それは本当だったけれど、実は私も中学生の頃、あまりに暑い時は同じようにソックスを脱いでしまったことがある。授業が終わって、友人に脱いでたよねって言われて恥ずかしかったのを思い出す。でもそれをたびたびやっていたので、今回もスムーズに脱げた。

 改めて周りを見渡すと、みんなが靴を履いている中で、私はいま靴どころか靴下も履いていない。それを実感すると、またドキドキ…。素足で歩く床は、かなりザラザラしていた。それにしても、リアリティを出すために実際に濡れたトイレに入るのはなかなか気が引けたが、入ってみると快感さえ覚えてしまった。濡れたソックスはかなり気持ち悪かったけれど、脱いでしまった後の開放感は半端ない。
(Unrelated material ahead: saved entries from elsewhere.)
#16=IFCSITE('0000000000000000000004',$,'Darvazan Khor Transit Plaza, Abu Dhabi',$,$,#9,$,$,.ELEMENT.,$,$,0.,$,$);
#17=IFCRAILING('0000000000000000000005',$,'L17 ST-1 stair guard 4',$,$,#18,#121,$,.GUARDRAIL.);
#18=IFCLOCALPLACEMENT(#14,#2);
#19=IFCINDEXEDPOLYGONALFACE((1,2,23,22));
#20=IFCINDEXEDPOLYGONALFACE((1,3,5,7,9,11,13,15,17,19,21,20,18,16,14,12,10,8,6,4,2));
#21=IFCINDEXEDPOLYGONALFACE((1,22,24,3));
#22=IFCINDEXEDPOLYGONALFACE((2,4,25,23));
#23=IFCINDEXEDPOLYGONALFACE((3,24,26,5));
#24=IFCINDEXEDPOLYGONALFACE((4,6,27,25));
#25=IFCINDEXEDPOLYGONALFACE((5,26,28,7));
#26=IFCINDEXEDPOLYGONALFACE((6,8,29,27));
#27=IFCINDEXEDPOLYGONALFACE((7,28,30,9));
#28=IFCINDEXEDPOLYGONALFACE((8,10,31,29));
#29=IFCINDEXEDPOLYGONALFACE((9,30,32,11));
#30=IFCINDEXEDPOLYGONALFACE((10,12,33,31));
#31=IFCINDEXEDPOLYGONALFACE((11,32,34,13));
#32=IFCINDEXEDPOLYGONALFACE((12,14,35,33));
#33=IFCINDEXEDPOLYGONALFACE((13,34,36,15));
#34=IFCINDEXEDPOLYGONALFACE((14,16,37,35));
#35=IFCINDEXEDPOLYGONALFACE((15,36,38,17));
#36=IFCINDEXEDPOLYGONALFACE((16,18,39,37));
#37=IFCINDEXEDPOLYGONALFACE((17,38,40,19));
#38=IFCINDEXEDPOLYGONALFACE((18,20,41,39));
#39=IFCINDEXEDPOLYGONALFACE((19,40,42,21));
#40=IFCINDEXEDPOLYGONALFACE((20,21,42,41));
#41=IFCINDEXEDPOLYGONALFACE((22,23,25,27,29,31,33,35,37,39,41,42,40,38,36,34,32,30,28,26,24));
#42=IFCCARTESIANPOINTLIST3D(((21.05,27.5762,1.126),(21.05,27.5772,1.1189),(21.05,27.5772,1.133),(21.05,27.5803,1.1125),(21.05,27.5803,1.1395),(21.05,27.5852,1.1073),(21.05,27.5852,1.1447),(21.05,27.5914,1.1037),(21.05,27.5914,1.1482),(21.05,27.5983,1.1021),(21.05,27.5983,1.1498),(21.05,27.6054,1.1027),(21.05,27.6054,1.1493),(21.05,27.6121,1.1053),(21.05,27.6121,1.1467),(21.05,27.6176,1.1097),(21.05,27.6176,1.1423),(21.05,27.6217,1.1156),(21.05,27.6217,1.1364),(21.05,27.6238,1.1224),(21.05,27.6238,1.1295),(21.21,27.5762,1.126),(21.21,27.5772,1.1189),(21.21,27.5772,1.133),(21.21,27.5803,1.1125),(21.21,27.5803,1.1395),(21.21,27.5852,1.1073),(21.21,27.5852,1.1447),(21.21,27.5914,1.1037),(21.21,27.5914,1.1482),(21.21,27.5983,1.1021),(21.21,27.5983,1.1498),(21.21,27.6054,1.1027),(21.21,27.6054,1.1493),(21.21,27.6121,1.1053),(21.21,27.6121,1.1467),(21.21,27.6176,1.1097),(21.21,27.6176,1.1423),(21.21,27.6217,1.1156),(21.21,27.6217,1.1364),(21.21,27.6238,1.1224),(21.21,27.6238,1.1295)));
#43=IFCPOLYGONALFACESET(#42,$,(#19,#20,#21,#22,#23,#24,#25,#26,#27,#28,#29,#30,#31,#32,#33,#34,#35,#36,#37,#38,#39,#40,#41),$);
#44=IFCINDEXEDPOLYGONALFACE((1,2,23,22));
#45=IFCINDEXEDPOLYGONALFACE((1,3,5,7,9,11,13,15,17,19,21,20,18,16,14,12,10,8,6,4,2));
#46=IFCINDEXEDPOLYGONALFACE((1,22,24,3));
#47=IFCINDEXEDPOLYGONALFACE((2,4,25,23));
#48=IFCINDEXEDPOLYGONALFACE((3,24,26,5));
「では次、流れ的には帰るんだけど、汚れをなるべくそのままで撮りたいシーンあるから、そっちから先に行きますね、シーン11です!」

「わかりました!」

シーン11の撮影の為、一旦脱いだソックスを再び履く。履履く時に足の裏を見てみたけれど、今まで見たことのないほど、真っ黒に汚れていた。掃除していない廃校ってこんなになるんだな…。


シーン11

 放課後、教室の自分の席に、上履きのないソックス姿で座っている主人公。足の指をくねくねとさせながら、ノートを書いている。そこにクラスメイトが来たらしく、こちらを向いてにっこり。

「どうしたの?もうみんな帰っちゃったよ」

「え、頼み・・・?ってなにかな?」

クラスメイトからの頼みを聞いて、怪訝な表情をする。

「足の裏を、見せて・・・?ってなによそれー。一日中ソックスで歩いてたから、すごく汚いよ?・・・それでもいい?むしろそれがいい?よくわかんないなー」

クラスメイトが繰り返し頼み込むと、主人公は笑って見せることにした。

「くすっ。いいよ、別に減るもんじゃないし。ってなによその格好。私の前にひざまづいて、王子様みたい・・・…この方がよく見えるの?言っとくけど、スカートの中は見ちゃダメ、だからね?」

そして、主人公はこちらに体を向けると、スカートを押さえながら足を浮かせて、クラスメイトの目の前にソックスの足の裏を両方とも見せつけた。足が床についていたところは炭を塗ったように真っ黒で、土踏まずや五指の間も、灰色に汚れていた。足裏の横の方から顔を出した主人公が、恥ずかしそうに頬を染めて、

「ほら、真っ黒でしょ?…実は、このままトイレにも入っちゃってさ、すごく濡れてるの・・・。気持ち悪いんだ・・・」

そう言いながら、主人公は激しく足の指をくねくね。汚れもそれに合わせてうごめく。クラスメイトはそこで更なる要求をした。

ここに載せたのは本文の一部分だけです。